Es increíble como mis pensamientos pueden convertirse en la prisión de mis emociones y a la vez de repente, liberarlos todos sin contemplación y así de repente, estando solo las lagrimas comienzan a fluir.

La verdad es que todo lo que tenía que terminar ya lo hizo, y la idea de comenzar de nuevo -digamos ya- por séptima vez me abruma. Pero lo peor no es recomenzar, es los cierres que aún están lejos de ocurrir, los problemas que no van a desaparecer, los errores que igual dejaron vidrios rotos. Lo peor es quedar yo así, sin haber resuelto el enigma que soy yo mismo.

No saber qué quiero nuevamente me lleva a no saber qué intentar o con qué comprometerme o quién es a quién debo realmente comprometer para avanzar, pero esto es lo que hay y esto es lo que queda.

En ciertos contextos he descubierto oportunidades que dejo pasar y dejo pasar y vuelvo a dejar pasar por el compromiso, por el esfuerzo real de que las cosas deben ser como deben ser; pero igual, no dejo de pensar que todos dicen que de lo que uno se arrepiente es de lo que no hace: ¿Cómo conciliar esta disonancia tan estruendosa?

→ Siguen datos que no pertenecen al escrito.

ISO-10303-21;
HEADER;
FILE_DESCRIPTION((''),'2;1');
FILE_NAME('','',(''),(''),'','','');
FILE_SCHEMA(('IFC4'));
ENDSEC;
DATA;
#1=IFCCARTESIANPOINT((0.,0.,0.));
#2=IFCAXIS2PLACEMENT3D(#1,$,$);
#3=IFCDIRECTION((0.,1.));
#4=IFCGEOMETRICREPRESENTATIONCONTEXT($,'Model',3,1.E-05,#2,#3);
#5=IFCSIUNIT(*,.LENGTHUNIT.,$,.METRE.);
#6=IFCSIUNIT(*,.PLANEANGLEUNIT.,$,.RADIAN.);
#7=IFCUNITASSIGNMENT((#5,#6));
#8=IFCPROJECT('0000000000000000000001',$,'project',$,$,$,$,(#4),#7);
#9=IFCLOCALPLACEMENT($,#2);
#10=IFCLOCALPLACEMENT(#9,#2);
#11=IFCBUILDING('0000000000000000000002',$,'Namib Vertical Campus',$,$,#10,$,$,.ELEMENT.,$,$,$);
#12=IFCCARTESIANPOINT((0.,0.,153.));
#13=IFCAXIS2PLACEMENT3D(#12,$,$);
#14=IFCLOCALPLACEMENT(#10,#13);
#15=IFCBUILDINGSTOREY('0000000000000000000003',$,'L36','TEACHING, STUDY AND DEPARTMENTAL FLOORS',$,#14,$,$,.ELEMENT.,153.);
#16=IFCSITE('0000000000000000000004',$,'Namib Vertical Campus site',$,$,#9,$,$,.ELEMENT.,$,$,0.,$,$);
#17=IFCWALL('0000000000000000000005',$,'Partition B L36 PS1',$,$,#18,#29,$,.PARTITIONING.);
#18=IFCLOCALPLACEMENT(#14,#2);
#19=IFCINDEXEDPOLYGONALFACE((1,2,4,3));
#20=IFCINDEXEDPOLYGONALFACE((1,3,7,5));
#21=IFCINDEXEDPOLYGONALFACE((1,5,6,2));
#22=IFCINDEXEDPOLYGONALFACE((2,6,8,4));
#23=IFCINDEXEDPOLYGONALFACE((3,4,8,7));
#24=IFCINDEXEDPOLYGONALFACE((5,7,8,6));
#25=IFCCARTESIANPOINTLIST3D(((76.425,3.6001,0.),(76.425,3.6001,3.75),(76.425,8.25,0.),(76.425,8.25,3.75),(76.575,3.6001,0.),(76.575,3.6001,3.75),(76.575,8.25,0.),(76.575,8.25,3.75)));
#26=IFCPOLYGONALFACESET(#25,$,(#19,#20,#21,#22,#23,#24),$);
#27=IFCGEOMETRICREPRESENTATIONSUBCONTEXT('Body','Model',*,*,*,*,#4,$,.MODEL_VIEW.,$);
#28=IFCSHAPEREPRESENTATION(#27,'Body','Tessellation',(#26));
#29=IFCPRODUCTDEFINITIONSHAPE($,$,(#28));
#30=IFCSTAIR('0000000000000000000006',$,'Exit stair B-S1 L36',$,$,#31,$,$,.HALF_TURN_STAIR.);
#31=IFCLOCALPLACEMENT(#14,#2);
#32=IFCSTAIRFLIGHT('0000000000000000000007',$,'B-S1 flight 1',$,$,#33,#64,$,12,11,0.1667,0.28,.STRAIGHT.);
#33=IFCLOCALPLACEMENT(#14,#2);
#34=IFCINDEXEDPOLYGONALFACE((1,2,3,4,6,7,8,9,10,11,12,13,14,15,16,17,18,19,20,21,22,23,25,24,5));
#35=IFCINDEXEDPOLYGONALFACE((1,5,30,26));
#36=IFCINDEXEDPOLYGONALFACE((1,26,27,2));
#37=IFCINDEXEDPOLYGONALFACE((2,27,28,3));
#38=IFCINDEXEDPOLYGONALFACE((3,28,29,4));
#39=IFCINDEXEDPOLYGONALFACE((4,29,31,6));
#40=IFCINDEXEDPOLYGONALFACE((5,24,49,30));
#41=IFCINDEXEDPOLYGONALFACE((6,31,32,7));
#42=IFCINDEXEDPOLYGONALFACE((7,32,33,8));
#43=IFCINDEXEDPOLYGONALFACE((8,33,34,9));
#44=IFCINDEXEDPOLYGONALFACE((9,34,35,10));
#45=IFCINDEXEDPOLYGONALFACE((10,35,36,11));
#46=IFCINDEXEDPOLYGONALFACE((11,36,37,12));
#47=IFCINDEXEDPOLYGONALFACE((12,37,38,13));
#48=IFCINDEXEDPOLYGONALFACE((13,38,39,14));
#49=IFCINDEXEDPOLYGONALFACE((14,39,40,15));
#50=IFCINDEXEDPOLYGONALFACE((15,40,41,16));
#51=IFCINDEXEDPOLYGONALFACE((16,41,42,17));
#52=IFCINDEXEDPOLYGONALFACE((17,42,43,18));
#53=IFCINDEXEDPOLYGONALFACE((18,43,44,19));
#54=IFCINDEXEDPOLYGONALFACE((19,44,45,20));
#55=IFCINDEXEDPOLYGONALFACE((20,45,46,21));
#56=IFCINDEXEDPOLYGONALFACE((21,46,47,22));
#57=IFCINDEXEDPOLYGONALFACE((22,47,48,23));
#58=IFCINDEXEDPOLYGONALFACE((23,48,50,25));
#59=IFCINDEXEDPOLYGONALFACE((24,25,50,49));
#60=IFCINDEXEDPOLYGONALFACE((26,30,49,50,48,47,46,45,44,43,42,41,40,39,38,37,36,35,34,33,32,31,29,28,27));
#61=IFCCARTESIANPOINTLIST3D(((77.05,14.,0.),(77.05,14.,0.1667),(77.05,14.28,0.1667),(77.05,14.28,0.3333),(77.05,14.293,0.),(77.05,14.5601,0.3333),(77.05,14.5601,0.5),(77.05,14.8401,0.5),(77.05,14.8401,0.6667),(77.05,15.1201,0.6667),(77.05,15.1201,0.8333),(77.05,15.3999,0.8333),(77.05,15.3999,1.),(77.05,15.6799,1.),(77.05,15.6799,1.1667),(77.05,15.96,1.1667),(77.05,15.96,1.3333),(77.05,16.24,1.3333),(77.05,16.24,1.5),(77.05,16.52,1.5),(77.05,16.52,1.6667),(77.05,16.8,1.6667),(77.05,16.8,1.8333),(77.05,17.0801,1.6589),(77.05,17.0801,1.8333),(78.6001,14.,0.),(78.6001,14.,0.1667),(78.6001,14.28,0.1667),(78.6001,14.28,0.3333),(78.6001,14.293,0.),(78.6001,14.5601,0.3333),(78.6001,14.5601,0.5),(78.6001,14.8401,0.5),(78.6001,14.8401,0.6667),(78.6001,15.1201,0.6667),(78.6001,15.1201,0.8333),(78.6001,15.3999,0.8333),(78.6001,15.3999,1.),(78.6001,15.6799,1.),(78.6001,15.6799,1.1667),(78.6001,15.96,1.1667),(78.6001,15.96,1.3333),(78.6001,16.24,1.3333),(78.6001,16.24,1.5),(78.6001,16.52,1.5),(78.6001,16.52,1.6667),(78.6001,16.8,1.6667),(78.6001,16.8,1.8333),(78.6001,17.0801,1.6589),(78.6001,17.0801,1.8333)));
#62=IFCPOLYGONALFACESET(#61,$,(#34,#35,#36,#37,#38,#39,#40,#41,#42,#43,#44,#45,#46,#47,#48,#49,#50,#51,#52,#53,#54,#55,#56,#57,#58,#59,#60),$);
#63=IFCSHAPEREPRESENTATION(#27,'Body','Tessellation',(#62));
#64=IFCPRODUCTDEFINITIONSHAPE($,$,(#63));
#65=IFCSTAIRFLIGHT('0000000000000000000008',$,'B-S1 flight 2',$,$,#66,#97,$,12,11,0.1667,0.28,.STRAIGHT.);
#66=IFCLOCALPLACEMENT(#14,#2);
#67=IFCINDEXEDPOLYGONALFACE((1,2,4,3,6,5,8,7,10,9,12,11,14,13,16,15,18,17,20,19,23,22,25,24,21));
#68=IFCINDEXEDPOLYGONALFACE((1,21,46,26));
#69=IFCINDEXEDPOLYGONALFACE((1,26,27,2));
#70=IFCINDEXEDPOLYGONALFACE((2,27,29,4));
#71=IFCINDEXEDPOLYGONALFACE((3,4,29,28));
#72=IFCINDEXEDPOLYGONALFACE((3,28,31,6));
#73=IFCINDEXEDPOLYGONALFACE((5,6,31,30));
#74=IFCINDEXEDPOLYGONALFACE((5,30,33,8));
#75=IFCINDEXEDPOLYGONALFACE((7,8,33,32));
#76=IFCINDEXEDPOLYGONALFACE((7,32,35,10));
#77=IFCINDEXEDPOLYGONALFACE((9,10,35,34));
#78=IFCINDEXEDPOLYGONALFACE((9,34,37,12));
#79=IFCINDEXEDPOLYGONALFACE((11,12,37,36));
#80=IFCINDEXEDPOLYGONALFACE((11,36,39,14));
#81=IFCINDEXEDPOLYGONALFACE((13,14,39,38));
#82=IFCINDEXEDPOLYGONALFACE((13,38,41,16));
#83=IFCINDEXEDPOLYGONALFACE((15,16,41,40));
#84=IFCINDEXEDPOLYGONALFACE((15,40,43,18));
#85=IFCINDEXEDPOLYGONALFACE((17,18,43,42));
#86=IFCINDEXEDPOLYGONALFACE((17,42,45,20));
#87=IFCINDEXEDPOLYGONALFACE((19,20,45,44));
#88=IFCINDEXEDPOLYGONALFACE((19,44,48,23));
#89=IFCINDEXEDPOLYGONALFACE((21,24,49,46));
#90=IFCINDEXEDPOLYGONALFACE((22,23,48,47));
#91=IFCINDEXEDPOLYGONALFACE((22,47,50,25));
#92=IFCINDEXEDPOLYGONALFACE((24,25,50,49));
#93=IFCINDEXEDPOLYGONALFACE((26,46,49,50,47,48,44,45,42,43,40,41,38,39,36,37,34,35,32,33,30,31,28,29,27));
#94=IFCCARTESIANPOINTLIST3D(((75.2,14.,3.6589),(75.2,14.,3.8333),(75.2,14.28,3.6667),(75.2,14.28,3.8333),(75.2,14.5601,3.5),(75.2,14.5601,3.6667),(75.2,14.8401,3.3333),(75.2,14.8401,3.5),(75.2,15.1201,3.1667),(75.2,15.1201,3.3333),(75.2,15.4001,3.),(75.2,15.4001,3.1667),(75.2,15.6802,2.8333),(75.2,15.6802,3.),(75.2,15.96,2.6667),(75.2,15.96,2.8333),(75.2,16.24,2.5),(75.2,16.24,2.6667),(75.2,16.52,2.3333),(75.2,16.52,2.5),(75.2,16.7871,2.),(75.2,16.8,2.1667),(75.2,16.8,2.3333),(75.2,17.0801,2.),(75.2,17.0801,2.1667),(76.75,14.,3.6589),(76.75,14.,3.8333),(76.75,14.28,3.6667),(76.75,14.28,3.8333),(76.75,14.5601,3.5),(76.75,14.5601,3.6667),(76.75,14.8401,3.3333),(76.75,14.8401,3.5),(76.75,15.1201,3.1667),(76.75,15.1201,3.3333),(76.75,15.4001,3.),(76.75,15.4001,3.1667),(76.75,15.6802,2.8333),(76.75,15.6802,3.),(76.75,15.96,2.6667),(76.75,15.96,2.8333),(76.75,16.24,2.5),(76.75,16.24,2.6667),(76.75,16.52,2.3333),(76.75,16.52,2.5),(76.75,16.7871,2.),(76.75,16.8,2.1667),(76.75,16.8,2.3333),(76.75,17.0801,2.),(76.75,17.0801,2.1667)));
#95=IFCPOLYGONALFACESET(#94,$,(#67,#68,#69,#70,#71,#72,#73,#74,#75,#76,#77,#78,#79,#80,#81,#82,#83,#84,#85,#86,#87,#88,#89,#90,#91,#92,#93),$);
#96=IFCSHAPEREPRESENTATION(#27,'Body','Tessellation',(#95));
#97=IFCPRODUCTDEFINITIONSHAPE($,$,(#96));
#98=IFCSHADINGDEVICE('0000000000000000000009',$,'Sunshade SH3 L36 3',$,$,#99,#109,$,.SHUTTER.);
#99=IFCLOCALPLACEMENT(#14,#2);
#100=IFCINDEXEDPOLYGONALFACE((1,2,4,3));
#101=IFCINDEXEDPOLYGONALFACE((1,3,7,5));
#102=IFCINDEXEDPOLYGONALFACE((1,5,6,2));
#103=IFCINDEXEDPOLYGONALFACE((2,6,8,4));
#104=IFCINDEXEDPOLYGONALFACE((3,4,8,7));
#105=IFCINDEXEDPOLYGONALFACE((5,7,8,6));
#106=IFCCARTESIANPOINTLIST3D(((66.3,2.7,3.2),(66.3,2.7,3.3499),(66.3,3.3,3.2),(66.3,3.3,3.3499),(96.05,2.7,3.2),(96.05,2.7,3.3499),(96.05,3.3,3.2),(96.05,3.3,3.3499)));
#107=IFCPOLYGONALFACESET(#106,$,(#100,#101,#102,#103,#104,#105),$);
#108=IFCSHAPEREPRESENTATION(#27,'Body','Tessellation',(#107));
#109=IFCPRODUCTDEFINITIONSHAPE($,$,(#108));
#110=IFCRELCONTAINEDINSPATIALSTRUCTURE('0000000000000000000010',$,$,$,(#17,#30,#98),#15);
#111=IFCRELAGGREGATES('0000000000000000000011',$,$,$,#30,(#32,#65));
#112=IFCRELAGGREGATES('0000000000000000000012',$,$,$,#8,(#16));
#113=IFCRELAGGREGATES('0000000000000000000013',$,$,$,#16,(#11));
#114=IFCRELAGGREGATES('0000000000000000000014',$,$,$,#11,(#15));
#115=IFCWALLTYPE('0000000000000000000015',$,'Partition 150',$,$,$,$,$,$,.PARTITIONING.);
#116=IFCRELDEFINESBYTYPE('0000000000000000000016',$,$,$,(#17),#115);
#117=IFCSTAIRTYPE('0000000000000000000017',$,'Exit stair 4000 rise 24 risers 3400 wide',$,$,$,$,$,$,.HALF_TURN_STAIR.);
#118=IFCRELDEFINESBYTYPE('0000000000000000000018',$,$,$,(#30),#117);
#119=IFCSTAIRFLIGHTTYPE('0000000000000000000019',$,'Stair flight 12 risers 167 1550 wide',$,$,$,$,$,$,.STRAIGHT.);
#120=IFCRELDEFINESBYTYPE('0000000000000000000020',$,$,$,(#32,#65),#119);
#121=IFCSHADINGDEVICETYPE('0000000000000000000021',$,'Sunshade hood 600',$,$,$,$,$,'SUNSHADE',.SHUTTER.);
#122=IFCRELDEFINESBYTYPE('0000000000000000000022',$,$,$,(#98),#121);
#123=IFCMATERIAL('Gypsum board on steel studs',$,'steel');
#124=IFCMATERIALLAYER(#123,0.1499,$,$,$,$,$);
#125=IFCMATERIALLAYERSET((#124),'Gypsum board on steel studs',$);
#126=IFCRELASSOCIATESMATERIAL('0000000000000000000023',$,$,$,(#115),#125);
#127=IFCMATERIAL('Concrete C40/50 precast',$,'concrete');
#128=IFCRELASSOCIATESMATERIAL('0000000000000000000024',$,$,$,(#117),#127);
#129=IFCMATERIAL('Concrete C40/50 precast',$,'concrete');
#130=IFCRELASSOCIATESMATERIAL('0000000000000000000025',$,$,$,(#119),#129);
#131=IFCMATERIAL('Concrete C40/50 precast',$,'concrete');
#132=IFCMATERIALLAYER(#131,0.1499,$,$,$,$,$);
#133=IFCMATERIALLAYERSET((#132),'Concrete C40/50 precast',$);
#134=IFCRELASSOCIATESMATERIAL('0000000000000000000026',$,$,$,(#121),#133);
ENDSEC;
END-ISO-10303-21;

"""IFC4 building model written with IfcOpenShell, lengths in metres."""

from ifc_helpers import new_model, si_unit, direction, frame, frame_2d, origin, origin_2d, place, context, subcontext, project, spatial, polyline, rectangle, outline, extrude, material, layer, layer_set, type_object, element, aggregate, save


model = new_model("IFC4")

# Units and contexts
model_context = context("Model", 3, precision=1e-05, world=origin(), true_north=direction((0.0, 1.0)))
body_context = subcontext(model_context, "Body", "Model", "MODEL_VIEW")
ifc_project = project(units=[si_unit("LENGTHUNIT", "METRE"), si_unit("PLANEANGLEUNIT", "RADIAN")], contexts=[model_context])

# Site, building, storey
site_placement = place(None, origin())
site = spatial("IfcSite", under=ifc_project, at=site_placement, Name="Namib Vertical Campus site", CompositionType="ELEMENT", RefElevation=0.0)
building_placement = place(site_placement, origin())
building = spatial("IfcBuilding", under=site, at=building_placement, Name="Namib Vertical Campus", CompositionType="ELEMENT")
storey_placement = place(building_placement, frame((0.0, 0.0, 153.0)))
storey = spatial("IfcBuildingStorey", under=building, at=storey_placement, Name="L36", Description="TEACHING, STUDY AND DEPARTMENTAL FLOORS", CompositionType="ELEMENT", Elevation=153.0)

# Wall
ifc_material_1 = material(Name="Gypsum board on steel studs", Category="steel")
ifc_layer_1 = layer(ifc_material_1, 0.1499)
ifc_layer_set_1 = layer_set([ifc_layer_1], Name="Gypsum board on steel studs")
wall_type_1 = type_object("IfcWallType", Name="Partition 150", PredefinedType="PARTITIONING", material=ifc_layer_set_1)
wall_1_placement = place(storey_placement, frame((76.5, 3.6001, 0.0), z_axis=(0.0, 0.0, 1.0), x_axis=(0.0, 1.0, 0.0)))
element("IfcWall", 1, at=wall_1_placement, inside=storey, type_object=wall_type_1, Name="Partition B L36 PS1", PredefinedType="PARTITIONING", context=body_context, shape_type="SweptSolid", body=[
    extrude(rectangle(XDim=4.6499, YDim=0.1499, at=frame_2d((2.325, 0.0))), origin(), (0.0, 0.0, 1.0), 3.75),
])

Yo a veces pienso que mi amor es a la idea del amor y no a una persona. Sigo buscando cambiarlo todo y pensar que puedo moldear a mi exacto gusto, deseo a quien por mí se deje moldear, pero tampoco es cierto que ocurre así. Y lo que encuentro en realidad es que debo adaptarme antes que creer que cambiar a la otra persona es lo que en realidad deseo y sé no es posible. Quien quiere cambiar o adaptarse o seguir o como lo llamemos es uno mismo y la idea de que lo harán por mí es una gran y romántica tontería.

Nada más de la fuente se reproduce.